В детстве я Шибенника боялся — мама за порог на пару минут, ведро с помоями вылить, а мне уже страшно, страшно, даже когда он и не выглядывал из-за коридорной двери. А он выглядывал.
Помню, голову высунет и черными глазищами меня разглядывает, а я стою на пороге, зимой, босиком и ору: ма-ма, ма-ма, ма! Страшно! Хотя он ничего такого не делал, просто смотрел на меня. Глядел, как я боюсь, как на пороге босиком стою и маму зову.
Когда я подрос, то сам стал наблюдать за Шибенником: как он с котом Васькой дружит, а с кошкой Дуськой нет (с Васей он потом тоже поссорился, почему — не знаю), как грустно на белок и сорок с галками из окна смотрит.
Всё это помню, а лица Шибенника не помню абсолютно. Сейчас мне кажется, были усы и бакенбарды, а раньше чего-то другое казалось. Вроде всё детство он в доме околачивался, иногда несколько раз на дню его видел — не помню лица. Хотя, чего уж там, я своего-то лица не помню.
Шибенник и вещами в кладовке шуршал, и по чердаку топтался, но было уже не страшно. Я только раз испугался — когда Дуську за хвост таскал, а он шкаф качнул очень неожиданно. Вот после этого страшно стало и стыдно. Стыдно, что он подсмотрел, как я Дуську мучил и ещё много чего.
Шибенник жаб земляных под полом разводил, сверчка принес.
Последние двадцать лет мы не видимся с Шибенником, и лягушки все разбежались. Но знаю точно — здесь он. Запах свой в разных местах оставляет. Вещи прячет, а потом подбрасывает. В сад штуки всякие складывает.
Здесь он, здесь. Враг мой. Ничего мне не даст забыть и маме моей тоже. А вот дедушке моему повезло: Шибенника в семью прадед Арон привел осенью 49-го. Кажется, в Воложине дело было. Дедушка тогда был уже взрослый.
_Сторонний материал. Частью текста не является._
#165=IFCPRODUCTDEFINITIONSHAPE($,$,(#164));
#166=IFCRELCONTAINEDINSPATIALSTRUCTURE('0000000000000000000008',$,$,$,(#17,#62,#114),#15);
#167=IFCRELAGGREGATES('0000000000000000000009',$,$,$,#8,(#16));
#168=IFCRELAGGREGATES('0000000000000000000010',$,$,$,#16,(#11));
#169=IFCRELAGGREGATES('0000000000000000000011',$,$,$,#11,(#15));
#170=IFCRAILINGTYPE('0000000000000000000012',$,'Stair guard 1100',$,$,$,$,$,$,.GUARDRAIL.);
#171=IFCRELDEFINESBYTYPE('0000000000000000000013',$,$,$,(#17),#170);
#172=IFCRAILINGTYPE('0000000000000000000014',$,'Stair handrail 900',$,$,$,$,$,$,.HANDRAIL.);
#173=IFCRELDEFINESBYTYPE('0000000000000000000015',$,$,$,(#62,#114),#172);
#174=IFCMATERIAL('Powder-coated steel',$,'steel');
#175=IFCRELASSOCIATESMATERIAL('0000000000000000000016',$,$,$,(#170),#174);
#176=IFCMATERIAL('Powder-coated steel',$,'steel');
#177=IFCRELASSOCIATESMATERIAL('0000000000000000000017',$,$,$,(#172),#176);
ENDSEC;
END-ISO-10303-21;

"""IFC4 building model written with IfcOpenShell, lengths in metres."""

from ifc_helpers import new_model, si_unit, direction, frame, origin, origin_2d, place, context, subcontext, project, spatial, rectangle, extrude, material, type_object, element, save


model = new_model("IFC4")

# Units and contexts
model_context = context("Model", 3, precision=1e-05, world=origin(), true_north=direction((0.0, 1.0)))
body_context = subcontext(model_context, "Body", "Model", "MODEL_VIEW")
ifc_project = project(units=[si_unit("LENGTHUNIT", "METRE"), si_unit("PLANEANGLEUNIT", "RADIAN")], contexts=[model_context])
Шибенник (ударение на первый слог) — на языке украинского Полесья — хулиган, баловник.
БЕЛКА
В книжке «Как правильно сажать смородину» я прочёл, что крыжовник должен расти у забора, где солнце, а мой куст рос посреди двора в тени яблони. Я всё собирался его пересадить, ведь выкопать неправильный куст — дело пяти минут. Но лень было возиться, он не очень-то мне нравился, если и был чем знаменит, то своими колючками.
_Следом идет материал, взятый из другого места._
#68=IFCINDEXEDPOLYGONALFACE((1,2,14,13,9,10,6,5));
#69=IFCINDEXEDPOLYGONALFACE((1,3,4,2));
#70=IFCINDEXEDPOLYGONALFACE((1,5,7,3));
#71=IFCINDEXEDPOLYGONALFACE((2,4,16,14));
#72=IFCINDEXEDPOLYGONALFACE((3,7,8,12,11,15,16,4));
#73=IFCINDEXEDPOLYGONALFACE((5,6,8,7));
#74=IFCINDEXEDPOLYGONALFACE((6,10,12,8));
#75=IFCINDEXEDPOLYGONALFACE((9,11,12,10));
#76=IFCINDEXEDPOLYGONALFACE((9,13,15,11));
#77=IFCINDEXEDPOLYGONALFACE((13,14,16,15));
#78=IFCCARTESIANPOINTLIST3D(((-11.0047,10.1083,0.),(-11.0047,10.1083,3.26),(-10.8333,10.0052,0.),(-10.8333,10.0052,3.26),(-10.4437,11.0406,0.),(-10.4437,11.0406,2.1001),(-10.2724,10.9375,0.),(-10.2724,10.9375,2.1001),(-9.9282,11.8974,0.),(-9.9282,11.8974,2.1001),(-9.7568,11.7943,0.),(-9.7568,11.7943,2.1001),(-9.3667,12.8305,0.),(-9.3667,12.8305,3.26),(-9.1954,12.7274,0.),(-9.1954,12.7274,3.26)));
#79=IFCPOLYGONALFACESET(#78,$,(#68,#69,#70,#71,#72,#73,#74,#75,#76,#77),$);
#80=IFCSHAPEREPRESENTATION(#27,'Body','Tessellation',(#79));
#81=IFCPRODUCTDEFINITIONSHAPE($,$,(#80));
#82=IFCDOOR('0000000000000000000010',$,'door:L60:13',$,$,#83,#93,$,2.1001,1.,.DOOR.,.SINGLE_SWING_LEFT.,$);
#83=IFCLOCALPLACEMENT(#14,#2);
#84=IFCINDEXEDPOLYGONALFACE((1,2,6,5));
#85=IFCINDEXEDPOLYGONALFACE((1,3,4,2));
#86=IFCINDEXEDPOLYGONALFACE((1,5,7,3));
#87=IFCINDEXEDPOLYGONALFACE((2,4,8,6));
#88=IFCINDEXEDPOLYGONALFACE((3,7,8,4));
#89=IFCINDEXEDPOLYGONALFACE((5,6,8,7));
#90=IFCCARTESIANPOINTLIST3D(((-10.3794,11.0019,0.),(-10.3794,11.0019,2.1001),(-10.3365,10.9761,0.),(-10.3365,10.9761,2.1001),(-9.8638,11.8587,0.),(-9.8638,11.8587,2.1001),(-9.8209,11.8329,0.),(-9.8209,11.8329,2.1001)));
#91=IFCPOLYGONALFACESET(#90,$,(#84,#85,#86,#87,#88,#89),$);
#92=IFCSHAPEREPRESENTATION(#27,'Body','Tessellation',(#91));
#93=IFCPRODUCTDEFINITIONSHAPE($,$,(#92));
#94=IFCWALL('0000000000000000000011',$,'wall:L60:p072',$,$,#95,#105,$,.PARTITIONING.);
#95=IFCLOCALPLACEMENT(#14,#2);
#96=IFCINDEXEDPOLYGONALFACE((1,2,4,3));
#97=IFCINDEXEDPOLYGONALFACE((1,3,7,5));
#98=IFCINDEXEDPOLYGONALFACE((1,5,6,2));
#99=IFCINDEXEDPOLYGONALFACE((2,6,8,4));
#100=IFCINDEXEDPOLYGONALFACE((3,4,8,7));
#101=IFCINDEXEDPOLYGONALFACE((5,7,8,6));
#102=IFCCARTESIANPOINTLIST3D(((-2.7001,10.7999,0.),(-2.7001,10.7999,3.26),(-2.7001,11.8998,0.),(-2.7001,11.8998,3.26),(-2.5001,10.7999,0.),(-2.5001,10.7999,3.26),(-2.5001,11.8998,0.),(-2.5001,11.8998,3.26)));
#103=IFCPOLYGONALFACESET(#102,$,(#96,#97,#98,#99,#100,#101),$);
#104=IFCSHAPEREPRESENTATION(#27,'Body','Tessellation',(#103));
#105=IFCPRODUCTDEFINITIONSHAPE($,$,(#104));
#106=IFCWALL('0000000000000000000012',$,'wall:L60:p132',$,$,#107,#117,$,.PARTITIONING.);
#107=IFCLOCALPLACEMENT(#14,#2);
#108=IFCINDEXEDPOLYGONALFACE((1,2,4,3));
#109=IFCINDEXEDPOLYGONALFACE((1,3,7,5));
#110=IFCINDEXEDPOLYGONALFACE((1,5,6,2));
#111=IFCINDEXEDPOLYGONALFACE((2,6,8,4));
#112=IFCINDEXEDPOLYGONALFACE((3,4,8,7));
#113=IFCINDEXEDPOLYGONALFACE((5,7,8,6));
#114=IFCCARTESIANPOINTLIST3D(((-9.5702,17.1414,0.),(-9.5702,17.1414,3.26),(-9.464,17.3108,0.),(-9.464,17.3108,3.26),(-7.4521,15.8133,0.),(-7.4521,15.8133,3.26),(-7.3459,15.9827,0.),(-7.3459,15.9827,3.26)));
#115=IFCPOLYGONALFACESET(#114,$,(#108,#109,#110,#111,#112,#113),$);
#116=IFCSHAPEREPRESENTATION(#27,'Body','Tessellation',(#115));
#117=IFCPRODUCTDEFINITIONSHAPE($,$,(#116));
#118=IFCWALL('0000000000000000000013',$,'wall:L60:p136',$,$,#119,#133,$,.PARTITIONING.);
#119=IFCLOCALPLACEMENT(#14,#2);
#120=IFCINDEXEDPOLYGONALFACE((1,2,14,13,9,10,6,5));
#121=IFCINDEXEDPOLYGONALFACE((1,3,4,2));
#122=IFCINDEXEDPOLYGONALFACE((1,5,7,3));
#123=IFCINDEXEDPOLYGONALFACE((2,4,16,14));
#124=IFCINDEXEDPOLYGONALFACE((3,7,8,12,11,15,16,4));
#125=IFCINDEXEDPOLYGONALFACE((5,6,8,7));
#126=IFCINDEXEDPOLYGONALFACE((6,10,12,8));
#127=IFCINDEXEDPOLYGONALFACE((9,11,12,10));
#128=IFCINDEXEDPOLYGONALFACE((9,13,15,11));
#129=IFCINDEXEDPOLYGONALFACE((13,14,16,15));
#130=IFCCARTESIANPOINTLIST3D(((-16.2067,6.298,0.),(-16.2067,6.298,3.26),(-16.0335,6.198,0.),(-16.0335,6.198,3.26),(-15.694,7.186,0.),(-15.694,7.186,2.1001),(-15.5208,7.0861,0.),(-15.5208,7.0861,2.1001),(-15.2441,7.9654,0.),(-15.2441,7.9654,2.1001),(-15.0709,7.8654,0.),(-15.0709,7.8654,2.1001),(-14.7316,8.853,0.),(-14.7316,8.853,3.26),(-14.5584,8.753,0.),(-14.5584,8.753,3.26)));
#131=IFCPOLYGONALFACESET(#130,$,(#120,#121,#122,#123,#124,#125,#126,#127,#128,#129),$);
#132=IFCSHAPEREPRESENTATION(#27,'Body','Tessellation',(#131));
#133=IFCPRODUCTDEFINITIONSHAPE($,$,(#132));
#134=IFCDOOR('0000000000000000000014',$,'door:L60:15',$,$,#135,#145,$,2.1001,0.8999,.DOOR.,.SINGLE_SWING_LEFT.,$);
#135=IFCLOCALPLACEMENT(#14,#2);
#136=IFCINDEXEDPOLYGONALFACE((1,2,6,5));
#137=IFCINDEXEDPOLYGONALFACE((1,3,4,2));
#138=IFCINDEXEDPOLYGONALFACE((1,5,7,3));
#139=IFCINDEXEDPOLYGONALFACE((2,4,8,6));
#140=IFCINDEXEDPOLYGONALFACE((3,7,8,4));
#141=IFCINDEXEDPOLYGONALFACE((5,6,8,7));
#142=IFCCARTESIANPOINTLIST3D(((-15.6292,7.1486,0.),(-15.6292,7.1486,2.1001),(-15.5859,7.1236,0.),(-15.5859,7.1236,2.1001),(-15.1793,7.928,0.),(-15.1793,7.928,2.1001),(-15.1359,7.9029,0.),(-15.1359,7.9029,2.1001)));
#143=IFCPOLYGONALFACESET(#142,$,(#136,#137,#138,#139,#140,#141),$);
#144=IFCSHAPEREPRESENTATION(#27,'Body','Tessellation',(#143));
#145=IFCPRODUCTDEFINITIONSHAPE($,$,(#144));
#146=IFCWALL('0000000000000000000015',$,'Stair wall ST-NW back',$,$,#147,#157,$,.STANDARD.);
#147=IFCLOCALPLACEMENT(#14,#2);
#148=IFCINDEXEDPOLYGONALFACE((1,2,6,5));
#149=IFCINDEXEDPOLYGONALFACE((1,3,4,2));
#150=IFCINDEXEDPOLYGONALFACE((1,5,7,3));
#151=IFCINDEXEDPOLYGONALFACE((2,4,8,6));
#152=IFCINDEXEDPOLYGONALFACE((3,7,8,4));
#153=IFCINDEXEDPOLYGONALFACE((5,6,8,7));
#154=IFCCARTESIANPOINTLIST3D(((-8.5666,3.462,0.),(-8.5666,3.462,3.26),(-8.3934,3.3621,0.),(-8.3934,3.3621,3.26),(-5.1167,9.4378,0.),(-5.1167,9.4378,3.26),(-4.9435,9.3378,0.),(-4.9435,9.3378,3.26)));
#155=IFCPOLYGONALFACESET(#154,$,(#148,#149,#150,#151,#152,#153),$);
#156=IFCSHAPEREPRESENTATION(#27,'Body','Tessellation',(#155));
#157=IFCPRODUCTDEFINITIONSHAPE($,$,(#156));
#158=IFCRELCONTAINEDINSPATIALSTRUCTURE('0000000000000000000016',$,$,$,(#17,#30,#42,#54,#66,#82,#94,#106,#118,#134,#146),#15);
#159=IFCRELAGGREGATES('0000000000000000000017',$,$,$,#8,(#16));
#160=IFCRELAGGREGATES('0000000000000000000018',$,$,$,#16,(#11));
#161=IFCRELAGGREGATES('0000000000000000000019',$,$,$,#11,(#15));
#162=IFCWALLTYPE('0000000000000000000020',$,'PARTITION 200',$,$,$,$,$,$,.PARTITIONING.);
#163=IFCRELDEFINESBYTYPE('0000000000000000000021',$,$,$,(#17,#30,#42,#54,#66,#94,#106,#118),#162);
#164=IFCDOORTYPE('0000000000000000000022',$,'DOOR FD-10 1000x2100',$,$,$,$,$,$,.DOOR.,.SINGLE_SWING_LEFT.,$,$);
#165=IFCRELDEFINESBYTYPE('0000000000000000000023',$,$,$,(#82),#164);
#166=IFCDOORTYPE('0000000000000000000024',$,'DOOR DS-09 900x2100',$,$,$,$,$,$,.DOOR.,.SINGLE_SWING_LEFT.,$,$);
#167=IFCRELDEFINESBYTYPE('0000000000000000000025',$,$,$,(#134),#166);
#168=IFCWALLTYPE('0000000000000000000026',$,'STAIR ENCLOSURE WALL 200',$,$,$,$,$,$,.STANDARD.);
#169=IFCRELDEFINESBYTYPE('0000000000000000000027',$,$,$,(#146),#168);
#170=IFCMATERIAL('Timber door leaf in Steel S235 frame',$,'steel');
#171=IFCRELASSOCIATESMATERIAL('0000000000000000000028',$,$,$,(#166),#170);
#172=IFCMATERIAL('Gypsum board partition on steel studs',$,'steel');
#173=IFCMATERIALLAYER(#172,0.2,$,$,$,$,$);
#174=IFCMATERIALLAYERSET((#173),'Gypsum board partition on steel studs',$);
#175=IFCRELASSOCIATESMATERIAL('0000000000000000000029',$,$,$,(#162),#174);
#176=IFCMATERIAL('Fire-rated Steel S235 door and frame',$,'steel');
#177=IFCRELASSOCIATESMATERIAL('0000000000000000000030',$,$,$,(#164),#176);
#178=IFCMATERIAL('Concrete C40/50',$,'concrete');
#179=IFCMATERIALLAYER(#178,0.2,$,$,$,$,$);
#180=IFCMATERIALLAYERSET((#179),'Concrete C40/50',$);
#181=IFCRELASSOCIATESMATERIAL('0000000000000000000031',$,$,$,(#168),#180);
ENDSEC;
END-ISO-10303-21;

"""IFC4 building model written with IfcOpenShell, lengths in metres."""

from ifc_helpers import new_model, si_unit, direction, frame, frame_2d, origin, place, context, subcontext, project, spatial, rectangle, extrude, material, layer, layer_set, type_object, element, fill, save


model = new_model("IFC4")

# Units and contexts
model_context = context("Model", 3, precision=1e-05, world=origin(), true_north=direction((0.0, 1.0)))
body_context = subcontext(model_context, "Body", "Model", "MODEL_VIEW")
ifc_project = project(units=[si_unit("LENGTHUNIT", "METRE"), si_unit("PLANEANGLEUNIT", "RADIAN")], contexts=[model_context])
А вот мама этого крыжовничего кактуса действительно была кустихой знаменитой. Кстати, она тоже неправильно росла — в тени, в самой середине двора. Но ей это не мешало, на ней было много ягод, а по утрам под ней устраивали свидание гном и белка.
Гном меня не очень-то интересовал. Подумаешь, маленький, худощавый, морщинистый, взрослый. У меня в детском саду таких было полно: худощавых и маленьких противных детей и морщинистых нянь. Гном ещё какой-то серый был, а белка была нормальной, рыжей, как на картинке. Цокала, дралась с воронами и бросала в меня орешки осенью.
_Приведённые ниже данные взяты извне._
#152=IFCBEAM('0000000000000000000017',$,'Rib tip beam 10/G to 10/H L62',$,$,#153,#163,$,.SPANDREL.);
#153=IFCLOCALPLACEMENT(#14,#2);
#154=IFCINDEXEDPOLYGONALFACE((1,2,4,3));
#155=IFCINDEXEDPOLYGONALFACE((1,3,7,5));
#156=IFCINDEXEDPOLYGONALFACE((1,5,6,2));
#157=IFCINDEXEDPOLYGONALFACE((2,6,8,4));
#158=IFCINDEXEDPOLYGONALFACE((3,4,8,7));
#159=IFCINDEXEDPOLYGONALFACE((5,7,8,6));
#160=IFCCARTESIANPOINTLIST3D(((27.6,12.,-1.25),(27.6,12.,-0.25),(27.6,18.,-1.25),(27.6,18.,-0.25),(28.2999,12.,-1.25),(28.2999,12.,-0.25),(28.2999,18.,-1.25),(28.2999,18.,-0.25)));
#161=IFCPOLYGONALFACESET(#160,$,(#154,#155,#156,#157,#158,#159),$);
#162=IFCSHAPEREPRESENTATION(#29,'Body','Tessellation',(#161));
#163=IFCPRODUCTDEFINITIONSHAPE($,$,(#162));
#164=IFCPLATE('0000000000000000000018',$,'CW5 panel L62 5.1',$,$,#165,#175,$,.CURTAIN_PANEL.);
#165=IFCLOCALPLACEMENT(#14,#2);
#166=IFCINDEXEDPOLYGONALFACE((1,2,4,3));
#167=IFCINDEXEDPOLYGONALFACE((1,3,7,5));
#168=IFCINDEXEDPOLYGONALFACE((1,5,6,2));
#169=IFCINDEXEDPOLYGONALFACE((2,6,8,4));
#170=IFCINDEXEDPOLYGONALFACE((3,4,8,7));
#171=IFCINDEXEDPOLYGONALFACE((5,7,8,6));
Так вот, когда она прибегала во двор, к ней можно было очень близко подойти, пока она у нас паслась. Она долго возле гномьих ног гуляла, можно было даже заскучать. А когда мне становилось скучно, я с воем бросался за белкой, чтобы её поближе рассмотреть-погладить, а она прыгала на дерево.
Я стоял под деревом, смотрел на красивую рыжую белку и радовался, как она цокает и бросает в меня орешками. И гном тоже стоял и смотрел, но с ним было неинтересно, и вообще он был неправильный, не такой как на картинках рисуют.
Белочкины орешки я подбирал и клал в карман, и гном тоже подбирал. А ещё гном любил разглядывать мои синие резиновые сапожки с белыми рыбками. Тут я ему не мешал. Пускай себе смотрит.
Потом меня стали водить в детский сад, и я уже реже виделся с гномом и белкой, а когда пошёл в школу, то совсем перестал. Кусты же так и росли на своих неправильных местах, только на одном созревал крыжовник, а на другом — колючки.